How to Become a Hairstylist

Many women place more trust in their hairdressers than they do in anyone else. For some, going out in public with an unbecoming do is akin to showing up without pants on. Not only do women rely on hairdressers to keep their tresses looking great, they confide the most intimate details of their lives to these shear-wielding pros.

Do You Have What It Takes to Be a Hairstylist?

Hairdresser showing a lady hair colour samples
Matthias Tunger /Photographer's Choice RF/Getty Images

Next to technical skills, manual dexterity—the ability to use your hands and fingers well—and knowledge of fashion and trends, the most important quality a hairstylist must possess is strong interpersonal skills. The ability to both understand and convey information is imperative for anyone who wants to work in this field. Hairstylists cannot do their job if they aren't good listeners. Not only must they be able to hear what their clients say aloud, they must have the social perceptiveness to understand what they don't say as well. Hairstylists must be service-oriented. Their primary focus is serving their customers. Should you become a hairstylist?

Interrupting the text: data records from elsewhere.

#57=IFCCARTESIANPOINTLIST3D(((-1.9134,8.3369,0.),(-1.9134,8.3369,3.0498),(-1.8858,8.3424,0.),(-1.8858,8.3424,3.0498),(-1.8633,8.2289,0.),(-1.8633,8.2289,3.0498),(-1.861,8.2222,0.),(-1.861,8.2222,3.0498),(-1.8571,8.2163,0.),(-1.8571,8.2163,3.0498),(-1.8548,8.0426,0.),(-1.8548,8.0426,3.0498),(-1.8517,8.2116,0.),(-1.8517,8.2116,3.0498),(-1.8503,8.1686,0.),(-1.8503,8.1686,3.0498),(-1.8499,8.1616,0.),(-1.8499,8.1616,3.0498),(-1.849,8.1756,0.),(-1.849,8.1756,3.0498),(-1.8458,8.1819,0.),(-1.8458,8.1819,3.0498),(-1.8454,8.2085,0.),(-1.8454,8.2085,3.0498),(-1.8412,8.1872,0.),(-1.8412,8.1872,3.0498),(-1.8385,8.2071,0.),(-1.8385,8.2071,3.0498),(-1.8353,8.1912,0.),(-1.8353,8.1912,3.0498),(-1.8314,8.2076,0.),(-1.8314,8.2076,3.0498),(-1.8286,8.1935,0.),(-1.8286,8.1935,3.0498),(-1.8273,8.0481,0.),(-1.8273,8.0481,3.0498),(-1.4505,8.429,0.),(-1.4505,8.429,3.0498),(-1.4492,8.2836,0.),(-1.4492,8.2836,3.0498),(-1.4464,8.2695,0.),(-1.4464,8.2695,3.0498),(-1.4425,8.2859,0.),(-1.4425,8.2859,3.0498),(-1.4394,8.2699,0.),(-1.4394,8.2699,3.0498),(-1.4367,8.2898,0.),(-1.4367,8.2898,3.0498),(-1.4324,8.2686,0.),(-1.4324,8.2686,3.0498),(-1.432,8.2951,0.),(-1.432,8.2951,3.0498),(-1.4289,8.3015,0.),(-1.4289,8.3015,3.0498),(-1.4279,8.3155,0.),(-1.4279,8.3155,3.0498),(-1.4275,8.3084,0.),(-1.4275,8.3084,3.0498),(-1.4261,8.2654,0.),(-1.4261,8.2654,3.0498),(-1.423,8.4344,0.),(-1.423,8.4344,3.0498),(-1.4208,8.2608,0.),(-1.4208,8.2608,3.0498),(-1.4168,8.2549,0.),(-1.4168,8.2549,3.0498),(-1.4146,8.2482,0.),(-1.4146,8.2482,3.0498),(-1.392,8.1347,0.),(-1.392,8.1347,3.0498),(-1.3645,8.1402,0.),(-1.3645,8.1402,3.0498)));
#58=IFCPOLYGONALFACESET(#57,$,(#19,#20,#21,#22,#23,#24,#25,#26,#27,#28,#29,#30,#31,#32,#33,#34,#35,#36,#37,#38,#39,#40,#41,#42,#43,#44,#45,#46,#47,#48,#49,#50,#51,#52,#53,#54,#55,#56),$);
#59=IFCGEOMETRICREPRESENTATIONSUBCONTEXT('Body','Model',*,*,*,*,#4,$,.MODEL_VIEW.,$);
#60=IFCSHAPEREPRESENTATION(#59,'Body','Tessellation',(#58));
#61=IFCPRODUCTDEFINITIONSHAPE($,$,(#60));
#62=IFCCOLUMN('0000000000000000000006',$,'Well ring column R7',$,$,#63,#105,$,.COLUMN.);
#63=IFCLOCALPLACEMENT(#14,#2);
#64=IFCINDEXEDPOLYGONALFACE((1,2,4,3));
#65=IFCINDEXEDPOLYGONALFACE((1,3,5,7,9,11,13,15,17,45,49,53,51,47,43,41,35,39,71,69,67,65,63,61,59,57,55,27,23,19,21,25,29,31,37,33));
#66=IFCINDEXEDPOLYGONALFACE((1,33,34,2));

Required Training and Education

If you want to work in the United States, chances are good that you will need to attend a barber or cosmetology program that has been approved by the state in which you want to work. Most states require prospective hairstylists to undergo this level of training, while some also stipulate they earn a high school or equivalency diploma.

You can find cosmetology programs at some high schools and at private and public vocational schools. They usually last at least nine months and some grant an associate degree upon completion. To find a program, you can do a search on the American Association of Cosmetology Schools' (AACS) website. According to this organization, tuition costs between $6500 and $10,000, depending on whether the program is located in a rural or metropolitan area. Before enrolling, check with the licensing board in the state in which you want to work to make sure the program is approved. AACS maintains a list of state licensing boards.

These are courses that are typically part of a hairstyling curriculum:

  • Sanitation and sterilization
  • Hair shaping
  • Texturizing
  • Hair extensions
  • Color methods
  • Permanent waving
  • Salon management

A hairstylist's professional development doesn't end with the initial training he or she receives. In order to keep up with the current trends, one usually continues to take courses throughout his or her career.

Getting Licensed

You must be licensed to work as a hairstylist in the US. Requirements vary by state but most require that you are at least 16 years old and have completed a cosmetology program approved by that state or by one with which it has reciprocity. Reciprocity is one state's acceptance of a training program approved by another state. Upon graduation, one takes a written exam. Some states also administer a practical exam during which one must demonstrate his or her styling skills.

Getting Your First Job As a Professional Hairstylist

Many prospective hairstylists work in salons while they are attending school. They may work as shampooers, a job that usually doesn't require professional training. Some are hired for professional jobs upon graduation. Others will have to seek out new opportunities. Many cosmetology school graduates are self-employed. Some rent space in large salons, while others open their own businesses. Other hairstylists choose to become employees of salons. What qualities are salon owners seeking? This will vary by employer, but these specifications taken from job announcements found in various sources will give you an idea:

  • "Must be friendly and motivated."
  • "Ability to work independently and as part of a team."
  • "Experienced with color."
  • "Experienced with latest salon techniques."
  • "Ability to build and maintain strong customer relationships."
  • "Excellent cleanliness and sanitation skills."